Nonetheless, plaintiff was terminated on July 16, 2014. He was given a second chance by the substitute unit Executive Director Dr. Ianniello, who allowed him to be reinstated as a substitute after passing an anger management course.

Gassaway, upon learning of this reinstatement, issued plaintiff an "Unsatisfactory" rating on which he allegedly forged plaintiff's signature. On August 28, 2014, Gassaway overrode the payroll system to deny plaintiff union protections and terminated him.

3. Other Allegations

Plaintiff compares his treatment to that of a younger coach, Jamaal A. Harvey, who was in his mid-30s. Harvey allegedly swore at Gassaway in a meeting but was not disciplined. Furthermore, under Harvey's watch, the entire girls' track team was suspended for fighting. However, he faced no disciplinary action.

Plaintiff also alleges that in June 2013, the DOE gave 45 teachers over the age of 40 Unsatisfactory ratings and replaced them with 22 teachers under that age.
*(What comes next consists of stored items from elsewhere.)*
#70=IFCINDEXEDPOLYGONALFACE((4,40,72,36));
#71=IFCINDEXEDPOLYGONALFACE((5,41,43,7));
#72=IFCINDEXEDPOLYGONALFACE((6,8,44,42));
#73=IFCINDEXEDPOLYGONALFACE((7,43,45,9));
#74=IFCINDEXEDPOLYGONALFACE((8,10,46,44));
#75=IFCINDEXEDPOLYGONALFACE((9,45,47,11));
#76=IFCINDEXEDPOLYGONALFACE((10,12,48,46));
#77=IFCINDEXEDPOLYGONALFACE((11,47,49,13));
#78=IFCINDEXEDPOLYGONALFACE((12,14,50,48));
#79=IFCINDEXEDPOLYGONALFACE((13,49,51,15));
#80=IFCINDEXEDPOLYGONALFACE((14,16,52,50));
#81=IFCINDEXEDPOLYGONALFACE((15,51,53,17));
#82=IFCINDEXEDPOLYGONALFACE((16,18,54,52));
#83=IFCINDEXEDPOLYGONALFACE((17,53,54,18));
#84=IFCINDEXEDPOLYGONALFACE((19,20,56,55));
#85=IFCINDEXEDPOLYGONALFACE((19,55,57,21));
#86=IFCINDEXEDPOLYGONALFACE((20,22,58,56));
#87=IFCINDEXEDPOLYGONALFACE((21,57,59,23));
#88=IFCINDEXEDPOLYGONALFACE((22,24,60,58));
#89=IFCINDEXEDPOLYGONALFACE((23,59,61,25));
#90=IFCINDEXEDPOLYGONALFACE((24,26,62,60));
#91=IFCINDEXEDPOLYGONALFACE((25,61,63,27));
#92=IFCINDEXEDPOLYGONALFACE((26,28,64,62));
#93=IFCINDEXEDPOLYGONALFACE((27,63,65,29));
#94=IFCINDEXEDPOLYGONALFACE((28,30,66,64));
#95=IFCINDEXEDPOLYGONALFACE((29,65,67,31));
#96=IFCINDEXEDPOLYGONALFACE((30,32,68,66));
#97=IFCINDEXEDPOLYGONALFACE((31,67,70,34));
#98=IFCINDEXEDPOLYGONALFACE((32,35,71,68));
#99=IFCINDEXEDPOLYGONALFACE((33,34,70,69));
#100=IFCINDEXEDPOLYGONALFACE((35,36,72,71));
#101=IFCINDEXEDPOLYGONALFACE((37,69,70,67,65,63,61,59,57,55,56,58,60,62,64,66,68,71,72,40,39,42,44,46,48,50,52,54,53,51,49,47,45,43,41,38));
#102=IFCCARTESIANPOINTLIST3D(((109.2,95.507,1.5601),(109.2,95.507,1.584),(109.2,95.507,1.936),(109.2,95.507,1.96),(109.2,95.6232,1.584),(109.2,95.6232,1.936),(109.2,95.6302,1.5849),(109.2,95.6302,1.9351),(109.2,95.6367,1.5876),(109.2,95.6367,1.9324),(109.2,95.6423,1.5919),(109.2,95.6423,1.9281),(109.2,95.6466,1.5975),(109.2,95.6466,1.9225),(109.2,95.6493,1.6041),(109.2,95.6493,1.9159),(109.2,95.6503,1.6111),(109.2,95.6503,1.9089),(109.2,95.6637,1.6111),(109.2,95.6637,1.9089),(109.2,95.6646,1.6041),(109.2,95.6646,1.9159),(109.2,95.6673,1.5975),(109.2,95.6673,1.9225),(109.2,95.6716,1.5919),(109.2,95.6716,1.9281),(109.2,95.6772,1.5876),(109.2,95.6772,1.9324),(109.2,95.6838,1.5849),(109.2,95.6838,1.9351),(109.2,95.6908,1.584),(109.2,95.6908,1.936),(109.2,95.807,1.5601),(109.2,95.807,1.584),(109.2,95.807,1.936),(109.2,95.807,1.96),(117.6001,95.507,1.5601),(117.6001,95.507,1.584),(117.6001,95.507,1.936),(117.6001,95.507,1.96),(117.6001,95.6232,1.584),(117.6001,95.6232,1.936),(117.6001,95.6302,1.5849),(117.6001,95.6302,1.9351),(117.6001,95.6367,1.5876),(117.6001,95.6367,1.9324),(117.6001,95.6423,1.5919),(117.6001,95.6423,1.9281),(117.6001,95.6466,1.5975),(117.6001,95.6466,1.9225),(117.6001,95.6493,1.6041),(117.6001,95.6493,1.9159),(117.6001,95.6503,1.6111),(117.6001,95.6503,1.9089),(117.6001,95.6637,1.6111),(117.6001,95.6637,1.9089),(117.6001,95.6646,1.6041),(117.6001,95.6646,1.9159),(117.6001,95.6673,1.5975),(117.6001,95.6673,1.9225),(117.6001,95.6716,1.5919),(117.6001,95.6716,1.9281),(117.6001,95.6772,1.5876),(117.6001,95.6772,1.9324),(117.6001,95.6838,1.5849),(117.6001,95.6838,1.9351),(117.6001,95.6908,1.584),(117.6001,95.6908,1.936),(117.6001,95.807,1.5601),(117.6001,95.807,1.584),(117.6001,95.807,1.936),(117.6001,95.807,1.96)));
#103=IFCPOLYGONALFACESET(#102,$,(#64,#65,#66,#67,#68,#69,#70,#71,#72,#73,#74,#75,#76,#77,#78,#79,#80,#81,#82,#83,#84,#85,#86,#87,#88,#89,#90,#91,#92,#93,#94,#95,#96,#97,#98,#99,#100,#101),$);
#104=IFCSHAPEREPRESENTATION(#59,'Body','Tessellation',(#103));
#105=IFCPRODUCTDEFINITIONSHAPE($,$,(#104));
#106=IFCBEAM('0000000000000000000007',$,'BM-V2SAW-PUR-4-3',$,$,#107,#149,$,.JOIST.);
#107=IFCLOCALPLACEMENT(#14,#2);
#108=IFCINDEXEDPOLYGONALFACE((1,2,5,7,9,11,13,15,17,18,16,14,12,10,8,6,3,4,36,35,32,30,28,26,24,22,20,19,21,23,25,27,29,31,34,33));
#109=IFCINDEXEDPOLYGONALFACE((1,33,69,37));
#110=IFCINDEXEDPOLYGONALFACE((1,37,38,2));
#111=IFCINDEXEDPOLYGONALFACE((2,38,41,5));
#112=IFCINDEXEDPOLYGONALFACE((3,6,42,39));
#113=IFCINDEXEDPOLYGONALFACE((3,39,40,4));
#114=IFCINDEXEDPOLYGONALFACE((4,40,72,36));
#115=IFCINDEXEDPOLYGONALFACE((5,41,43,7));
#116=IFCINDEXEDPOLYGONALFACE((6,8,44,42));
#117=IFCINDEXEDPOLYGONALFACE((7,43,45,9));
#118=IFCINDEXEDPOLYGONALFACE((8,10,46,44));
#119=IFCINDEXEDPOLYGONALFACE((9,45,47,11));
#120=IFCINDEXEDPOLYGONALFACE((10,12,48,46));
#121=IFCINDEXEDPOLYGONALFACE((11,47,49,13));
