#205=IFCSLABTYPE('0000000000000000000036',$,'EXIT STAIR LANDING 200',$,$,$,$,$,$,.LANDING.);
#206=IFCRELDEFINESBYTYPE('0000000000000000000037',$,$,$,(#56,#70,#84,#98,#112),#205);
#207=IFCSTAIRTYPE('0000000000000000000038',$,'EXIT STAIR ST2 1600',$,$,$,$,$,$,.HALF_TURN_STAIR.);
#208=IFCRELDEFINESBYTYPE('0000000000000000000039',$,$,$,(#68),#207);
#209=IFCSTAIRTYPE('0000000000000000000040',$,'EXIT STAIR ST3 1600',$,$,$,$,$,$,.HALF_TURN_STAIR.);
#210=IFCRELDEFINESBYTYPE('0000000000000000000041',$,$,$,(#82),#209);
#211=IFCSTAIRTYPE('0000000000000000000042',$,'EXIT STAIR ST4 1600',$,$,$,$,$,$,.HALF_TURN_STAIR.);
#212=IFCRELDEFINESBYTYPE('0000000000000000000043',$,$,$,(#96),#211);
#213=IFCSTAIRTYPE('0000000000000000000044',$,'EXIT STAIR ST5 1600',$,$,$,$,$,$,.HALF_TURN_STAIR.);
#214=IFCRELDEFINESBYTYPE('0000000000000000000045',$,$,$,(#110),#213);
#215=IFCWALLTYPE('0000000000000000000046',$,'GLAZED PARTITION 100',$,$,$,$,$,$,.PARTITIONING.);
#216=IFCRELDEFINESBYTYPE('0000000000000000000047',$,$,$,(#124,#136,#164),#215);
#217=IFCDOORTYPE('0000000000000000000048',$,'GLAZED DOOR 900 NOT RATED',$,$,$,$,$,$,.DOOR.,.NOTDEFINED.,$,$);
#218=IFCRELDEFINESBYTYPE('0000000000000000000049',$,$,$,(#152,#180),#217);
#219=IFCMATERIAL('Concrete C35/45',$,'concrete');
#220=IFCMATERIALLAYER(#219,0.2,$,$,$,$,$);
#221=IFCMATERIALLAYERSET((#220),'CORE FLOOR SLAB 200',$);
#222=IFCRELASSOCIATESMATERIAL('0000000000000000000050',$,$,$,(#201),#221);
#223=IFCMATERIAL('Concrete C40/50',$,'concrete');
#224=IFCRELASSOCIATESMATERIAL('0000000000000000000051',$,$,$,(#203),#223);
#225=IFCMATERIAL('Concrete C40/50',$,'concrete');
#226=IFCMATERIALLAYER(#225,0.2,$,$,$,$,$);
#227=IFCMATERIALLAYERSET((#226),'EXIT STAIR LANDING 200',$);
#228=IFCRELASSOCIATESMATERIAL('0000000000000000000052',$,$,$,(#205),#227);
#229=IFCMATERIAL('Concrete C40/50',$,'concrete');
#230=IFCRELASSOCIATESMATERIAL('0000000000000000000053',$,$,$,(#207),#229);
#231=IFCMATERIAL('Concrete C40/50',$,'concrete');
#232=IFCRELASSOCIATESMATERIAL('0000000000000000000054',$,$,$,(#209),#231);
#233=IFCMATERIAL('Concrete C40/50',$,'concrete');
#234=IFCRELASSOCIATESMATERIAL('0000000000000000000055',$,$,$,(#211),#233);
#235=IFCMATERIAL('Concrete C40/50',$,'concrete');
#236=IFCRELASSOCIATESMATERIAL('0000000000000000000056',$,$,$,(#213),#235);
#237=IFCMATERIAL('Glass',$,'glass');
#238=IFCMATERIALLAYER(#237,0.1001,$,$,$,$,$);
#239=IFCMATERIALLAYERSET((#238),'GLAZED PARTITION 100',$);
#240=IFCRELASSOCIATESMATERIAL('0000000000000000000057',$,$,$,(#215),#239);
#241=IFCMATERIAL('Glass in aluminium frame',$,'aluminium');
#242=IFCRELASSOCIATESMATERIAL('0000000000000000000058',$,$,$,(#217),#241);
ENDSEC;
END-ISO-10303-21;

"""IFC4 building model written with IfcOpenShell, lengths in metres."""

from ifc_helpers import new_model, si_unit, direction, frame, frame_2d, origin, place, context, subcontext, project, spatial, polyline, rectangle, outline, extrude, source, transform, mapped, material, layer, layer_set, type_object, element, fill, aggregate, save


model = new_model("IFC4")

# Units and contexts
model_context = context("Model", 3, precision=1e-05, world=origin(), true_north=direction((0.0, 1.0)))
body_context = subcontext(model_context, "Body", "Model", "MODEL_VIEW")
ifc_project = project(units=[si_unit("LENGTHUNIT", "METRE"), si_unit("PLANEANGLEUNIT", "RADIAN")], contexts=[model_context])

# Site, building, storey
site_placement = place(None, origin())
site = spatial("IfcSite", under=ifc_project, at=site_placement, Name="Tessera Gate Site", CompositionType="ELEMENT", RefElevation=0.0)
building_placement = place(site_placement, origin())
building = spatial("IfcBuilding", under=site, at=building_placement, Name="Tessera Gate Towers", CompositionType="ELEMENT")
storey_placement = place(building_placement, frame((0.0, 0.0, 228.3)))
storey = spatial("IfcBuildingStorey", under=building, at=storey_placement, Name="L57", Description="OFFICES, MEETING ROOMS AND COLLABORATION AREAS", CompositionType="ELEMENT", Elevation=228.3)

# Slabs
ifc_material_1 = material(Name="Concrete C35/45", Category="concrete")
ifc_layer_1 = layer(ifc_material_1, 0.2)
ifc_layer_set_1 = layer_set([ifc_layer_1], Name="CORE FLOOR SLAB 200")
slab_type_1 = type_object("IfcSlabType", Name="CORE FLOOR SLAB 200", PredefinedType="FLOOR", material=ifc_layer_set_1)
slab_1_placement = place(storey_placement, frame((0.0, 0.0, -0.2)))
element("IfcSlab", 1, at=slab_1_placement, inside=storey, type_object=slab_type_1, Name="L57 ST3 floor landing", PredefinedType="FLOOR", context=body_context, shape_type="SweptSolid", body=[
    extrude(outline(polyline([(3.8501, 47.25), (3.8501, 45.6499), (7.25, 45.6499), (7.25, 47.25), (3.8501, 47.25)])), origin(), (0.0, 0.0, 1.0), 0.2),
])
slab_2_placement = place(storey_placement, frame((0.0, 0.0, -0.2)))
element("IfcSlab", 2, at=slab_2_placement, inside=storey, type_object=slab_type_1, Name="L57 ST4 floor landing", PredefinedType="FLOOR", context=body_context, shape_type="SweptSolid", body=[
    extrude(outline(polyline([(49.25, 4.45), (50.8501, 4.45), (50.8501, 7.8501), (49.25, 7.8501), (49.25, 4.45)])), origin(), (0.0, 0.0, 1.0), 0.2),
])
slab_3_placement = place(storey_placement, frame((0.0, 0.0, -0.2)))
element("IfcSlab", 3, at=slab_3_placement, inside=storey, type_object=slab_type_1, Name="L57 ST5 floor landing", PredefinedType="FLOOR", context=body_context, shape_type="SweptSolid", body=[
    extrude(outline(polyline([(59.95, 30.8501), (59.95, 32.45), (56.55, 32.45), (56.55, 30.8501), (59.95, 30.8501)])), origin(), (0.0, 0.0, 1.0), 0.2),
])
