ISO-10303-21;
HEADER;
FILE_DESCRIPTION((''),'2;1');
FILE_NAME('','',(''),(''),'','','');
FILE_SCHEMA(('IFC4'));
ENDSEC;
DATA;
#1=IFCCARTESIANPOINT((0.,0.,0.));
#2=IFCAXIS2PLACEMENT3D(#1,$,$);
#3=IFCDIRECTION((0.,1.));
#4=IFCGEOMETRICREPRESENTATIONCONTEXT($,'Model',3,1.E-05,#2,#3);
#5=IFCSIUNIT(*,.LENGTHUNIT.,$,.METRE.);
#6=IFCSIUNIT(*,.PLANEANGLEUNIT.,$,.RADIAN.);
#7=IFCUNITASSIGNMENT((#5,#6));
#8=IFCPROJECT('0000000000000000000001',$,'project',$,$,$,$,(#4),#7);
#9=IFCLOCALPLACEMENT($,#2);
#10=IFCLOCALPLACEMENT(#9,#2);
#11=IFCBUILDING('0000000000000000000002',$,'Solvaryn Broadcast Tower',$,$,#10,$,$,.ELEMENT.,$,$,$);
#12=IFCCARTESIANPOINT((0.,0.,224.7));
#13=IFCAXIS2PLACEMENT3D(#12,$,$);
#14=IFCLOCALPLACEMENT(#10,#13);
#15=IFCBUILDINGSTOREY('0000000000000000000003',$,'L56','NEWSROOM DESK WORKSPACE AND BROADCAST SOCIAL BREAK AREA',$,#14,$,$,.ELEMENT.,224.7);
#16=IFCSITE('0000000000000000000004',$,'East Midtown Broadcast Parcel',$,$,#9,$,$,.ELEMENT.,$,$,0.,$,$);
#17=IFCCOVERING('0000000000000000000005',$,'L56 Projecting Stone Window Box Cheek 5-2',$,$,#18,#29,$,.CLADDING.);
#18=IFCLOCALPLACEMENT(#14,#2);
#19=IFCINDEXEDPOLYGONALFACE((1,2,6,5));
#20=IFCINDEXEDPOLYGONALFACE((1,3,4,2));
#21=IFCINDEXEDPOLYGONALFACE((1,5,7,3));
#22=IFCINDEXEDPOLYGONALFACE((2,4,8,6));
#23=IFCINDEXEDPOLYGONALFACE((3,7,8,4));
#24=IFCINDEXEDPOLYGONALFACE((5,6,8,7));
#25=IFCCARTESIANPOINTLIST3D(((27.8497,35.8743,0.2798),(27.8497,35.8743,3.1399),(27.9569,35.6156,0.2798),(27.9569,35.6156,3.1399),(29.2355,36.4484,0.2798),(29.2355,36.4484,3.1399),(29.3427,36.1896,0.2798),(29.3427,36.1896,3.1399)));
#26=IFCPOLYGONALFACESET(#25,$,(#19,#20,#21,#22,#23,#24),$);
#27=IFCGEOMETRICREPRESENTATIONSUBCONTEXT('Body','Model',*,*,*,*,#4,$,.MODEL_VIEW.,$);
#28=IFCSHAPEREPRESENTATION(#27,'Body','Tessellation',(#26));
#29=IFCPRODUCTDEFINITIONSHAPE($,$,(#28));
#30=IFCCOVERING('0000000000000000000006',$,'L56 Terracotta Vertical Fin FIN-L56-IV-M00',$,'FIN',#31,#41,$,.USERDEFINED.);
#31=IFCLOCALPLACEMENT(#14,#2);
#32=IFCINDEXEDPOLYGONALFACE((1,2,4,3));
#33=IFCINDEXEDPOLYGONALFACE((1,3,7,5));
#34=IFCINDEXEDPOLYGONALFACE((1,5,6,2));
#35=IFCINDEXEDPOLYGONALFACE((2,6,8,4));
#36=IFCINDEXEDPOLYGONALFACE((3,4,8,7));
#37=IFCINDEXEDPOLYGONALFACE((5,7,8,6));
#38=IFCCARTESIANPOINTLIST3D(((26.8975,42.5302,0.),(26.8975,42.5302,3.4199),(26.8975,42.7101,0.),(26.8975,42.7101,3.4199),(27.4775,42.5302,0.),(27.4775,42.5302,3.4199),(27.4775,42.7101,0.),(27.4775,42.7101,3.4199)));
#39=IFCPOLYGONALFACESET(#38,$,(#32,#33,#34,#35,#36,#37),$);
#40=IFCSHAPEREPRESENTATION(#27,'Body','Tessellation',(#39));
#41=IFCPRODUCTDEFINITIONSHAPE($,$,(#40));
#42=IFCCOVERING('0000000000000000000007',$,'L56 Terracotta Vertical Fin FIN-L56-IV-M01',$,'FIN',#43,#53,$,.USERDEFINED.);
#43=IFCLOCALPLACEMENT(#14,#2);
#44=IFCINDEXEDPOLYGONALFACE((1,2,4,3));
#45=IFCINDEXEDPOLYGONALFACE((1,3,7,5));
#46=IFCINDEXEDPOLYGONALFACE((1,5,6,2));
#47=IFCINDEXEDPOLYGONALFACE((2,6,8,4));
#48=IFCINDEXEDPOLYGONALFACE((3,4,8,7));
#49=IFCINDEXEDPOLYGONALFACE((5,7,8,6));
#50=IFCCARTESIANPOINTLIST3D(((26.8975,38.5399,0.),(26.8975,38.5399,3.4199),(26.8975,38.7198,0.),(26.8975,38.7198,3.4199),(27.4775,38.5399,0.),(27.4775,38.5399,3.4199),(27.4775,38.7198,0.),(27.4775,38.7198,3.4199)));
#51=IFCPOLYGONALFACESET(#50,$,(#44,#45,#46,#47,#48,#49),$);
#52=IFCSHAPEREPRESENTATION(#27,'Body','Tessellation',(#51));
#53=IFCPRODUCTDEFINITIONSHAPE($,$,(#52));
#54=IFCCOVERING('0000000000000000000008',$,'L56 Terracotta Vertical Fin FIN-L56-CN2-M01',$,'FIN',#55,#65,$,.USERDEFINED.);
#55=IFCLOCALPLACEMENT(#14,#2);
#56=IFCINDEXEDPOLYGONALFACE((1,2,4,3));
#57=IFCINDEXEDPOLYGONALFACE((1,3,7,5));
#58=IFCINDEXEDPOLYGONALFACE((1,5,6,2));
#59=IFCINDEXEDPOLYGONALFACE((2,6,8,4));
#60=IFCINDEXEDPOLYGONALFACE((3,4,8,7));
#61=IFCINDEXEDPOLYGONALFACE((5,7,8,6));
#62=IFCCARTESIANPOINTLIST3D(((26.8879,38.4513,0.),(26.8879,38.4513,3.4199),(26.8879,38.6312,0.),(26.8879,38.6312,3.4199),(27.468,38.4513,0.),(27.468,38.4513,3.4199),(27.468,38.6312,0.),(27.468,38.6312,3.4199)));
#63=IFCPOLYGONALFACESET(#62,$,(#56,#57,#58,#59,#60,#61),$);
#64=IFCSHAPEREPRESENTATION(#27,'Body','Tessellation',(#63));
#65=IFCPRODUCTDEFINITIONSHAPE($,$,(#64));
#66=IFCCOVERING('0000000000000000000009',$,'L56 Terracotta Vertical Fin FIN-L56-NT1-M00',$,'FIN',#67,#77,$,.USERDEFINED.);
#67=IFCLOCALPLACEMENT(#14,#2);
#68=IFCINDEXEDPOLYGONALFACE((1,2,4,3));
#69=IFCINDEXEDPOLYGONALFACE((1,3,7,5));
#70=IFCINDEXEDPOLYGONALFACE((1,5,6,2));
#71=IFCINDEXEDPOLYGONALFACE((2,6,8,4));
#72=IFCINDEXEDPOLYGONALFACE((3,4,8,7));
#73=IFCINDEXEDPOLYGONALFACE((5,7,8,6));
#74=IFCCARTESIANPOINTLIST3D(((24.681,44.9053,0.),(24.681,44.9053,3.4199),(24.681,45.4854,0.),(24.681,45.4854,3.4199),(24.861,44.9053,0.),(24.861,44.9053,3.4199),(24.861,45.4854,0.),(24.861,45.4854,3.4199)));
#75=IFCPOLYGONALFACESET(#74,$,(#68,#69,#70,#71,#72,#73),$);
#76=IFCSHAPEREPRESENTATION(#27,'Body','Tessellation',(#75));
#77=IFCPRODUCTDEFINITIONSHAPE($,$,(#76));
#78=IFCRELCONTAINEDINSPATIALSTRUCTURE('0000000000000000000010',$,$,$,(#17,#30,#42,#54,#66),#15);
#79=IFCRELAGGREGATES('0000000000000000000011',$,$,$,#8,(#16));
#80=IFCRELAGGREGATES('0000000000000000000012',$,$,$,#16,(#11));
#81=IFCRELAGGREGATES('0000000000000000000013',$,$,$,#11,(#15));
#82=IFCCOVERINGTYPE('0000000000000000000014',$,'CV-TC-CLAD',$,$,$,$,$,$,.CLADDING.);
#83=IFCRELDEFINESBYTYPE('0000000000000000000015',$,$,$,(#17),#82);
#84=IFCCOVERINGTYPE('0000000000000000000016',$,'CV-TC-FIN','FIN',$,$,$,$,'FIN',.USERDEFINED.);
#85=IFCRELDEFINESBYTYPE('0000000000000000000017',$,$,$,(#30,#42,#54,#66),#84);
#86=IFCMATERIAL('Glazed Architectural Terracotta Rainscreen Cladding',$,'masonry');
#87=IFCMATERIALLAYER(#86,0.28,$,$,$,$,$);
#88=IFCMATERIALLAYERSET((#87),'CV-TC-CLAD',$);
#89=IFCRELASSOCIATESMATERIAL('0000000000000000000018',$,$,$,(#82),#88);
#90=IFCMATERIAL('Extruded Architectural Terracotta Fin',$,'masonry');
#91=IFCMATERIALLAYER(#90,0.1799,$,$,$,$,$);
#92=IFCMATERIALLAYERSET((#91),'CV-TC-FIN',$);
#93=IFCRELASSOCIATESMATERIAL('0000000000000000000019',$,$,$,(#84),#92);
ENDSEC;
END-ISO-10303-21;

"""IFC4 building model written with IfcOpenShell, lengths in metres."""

from ifc_helpers import new_model, si_unit, direction, frame, origin, origin_2d, place, context, subcontext, project, spatial, rectangle, extrude, material, layer, layer_set, type_object, element, save


model = new_model("IFC4")

# Units and contexts
model_context = context("Model", 3, precision=1e-05, world=origin(), true_north=direction((0.0, 1.0)))
body_context = subcontext(model_context, "Body", "Model", "MODEL_VIEW")
ifc_project = project(units=[si_unit("LENGTHUNIT", "METRE"), si_unit("PLANEANGLEUNIT", "RADIAN")], contexts=[model_context])

# Site, building, storey
site_placement = place(None, origin())
site = spatial("IfcSite", under=ifc_project, at=site_placement, Name="East Midtown Broadcast Parcel", CompositionType="ELEMENT", RefElevation=0.0)
building_placement = place(site_placement, origin())
building = spatial("IfcBuilding", under=site, at=building_placement, Name="Solvaryn Broadcast Tower", CompositionType="ELEMENT")
storey_placement = place(building_placement, frame((0.0, 0.0, 224.7)))
storey = spatial("IfcBuildingStorey", under=building, at=storey_placement, Name="L56", Description="NEWSROOM DESK WORKSPACE AND BROADCAST SOCIAL BREAK AREA", CompositionType="ELEMENT", Elevation=224.7)

# Coverings
ifc_material_1 = material(Name="Glazed Architectural Terracotta Rainscreen Cladding", Category="masonry")
ifc_layer_1 = layer(ifc_material_1, 0.28)
ifc_layer_set_1 = layer_set([ifc_layer_1], Name="CV-TC-CLAD")
covering_type_1 = type_object("IfcCoveringType", Name="CV-TC-CLAD", PredefinedType="CLADDING", material=ifc_layer_set_1)
covering_1_placement = place(storey_placement, frame((28.5962, 36.032, 0.2798), z_axis=(0.0, 0.0, 1.0), x_axis=(-0.382683, 0.92388, 0.0)))
element("IfcCovering", 1, at=covering_1_placement, inside=storey, type_object=covering_type_1, Name="L56 Projecting Stone Window Box Cheek 5-2", PredefinedType="CLADDING", context=body_context, shape_type="SweptSolid", body=[
    extrude(rectangle(XDim=0.28, YDim=1.5, at=origin_2d()), origin(), (0.0, 0.0, 1.0), 2.8601),
])
ifc_material_2 = material(Name="Extruded Architectural Terracotta Fin", Category="masonry")
ifc_layer_2 = layer(ifc_material_2, 0.1799)
ifc_layer_set_2 = layer_set([ifc_layer_2], Name="CV-TC-FIN")
covering_type_2 = type_object("IfcCoveringType", Name="CV-TC-FIN", Description="FIN", ElementType="FIN", PredefinedType="USERDEFINED", material=ifc_layer_set_2)
for number, where, z_axis, x_axis, name in (
    (2, (27.1875, 42.6201, 0.0), (0.0, 0.0, 1.0), (1.0, 0.0, 0.0), "L56 Terracotta Vertical Fin FIN-L56-IV-M00"),
    (3, (27.1875, 38.6299, 0.0), (0.0, 0.0, 1.0), (1.0, 0.0, 0.0), "L56 Terracotta Vertical Fin FIN-L56-IV-M01"),
    (4, (27.178, 38.5413, 0.0), (0.0, 0.0, 1.0), (1.0, 0.0, 0.0), "L56 Terracotta Vertical Fin FIN-L56-CN2-M01"),
):
    element("IfcCovering", number, at=place(storey_placement, frame(where, z_axis=z_axis, x_axis=x_axis)), inside=storey, type_object=covering_type_2, Name=name, ObjectType="FIN", PredefinedType="USERDEFINED", context=body_context, shape_type="SweptSolid", body=[
        extrude(rectangle(XDim=0.5801, YDim=0.1799, at=origin_2d()), origin(), (0.0, 0.0, 1.0), 3.4199),
    ])
covering_2_placement = place(storey_placement, frame((24.771, 45.1953, 0.0), z_axis=(0.0, 0.0, 1.0), x_axis=(1.0, 0.0, 0.0)))
element("IfcCovering", 5, at=covering_2_placement, inside=storey, type_object=covering_type_2, Name="L56 Terracotta Vertical Fin FIN-L56-NT1-M00", ObjectType="FIN", PredefinedType="USERDEFINED", context=body_context, shape_type="SweptSolid", body=[
    extrude(rectangle(XDim=0.1799, YDim=0.5801, at=origin_2d()), origin(), (0.0, 0.0, 1.0), 3.4199),
])

save(model, "model.ifc")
Finally, plaintiff alleges that before he was terminated, he raised his complaints with coworkers. Several coworkers agreed with him that Gassaway "treats us old timers like crap," or "doesn't like old timers like you." He also alleges that in 2013, after being demoted to a less important math class, he was told by Assistant Principal Whittingham that Gassaway "doesn't like you because you complain and file grievances, so they transferred you to me."

II

On May 28, 2015, plaintiff filed a claim with the New York State Division of Human Rights ("DHR"), which was then sent to the EEOC as a dual filing. After an *446investigation, his DHR complaint was dismissed on October 30, 2015, and his EEOC complaint was dismissed on December 7, 2015. Plaintiff filed this lawsuit on March 8, 2016.

Under Federal Rule of Civil Procedure 12(b)(6), a party may move to dismiss a cause of action that "fail[s] to state a claim upon which relief can be granted[.]" Fed. R. Civ. P. 12(b)(6). To survive a motion to dismiss, the complaint must plead "enough facts to state a claim to relief that is plausible on its face," Bell Atl. Corp. v. Twombly , 550 U.S. 544, 570, 127 S.Ct. 1955, 167 L.Ed.2d 929 (2007), and "allow[ ] the court to draw the reasonable inference that the defendant is liable for the misconduct alleged," Ashcroft v. Iqbal , 556 U.S. 662, 678, 129 S.Ct. 1937, 173 L.Ed.2d 868 (2009).

"[W]hile a discrimination complaint need not allege facts establishing each element of a prima facie case of discrimination to survive a motion to dismiss ... it must at a minimum assert nonconclusory factual matter sufficient to 'nudge[ ] [its] claims' ... 'across the line from conceivable to plausible' to proceed." E.E.O.C. v. Port Authority , 768 F.3d 247, 254 (2d Cir. 2014) (citing Swierkiewicz v. Sorema N.A. , 534 U.S. 506, 510, 122 S.Ct.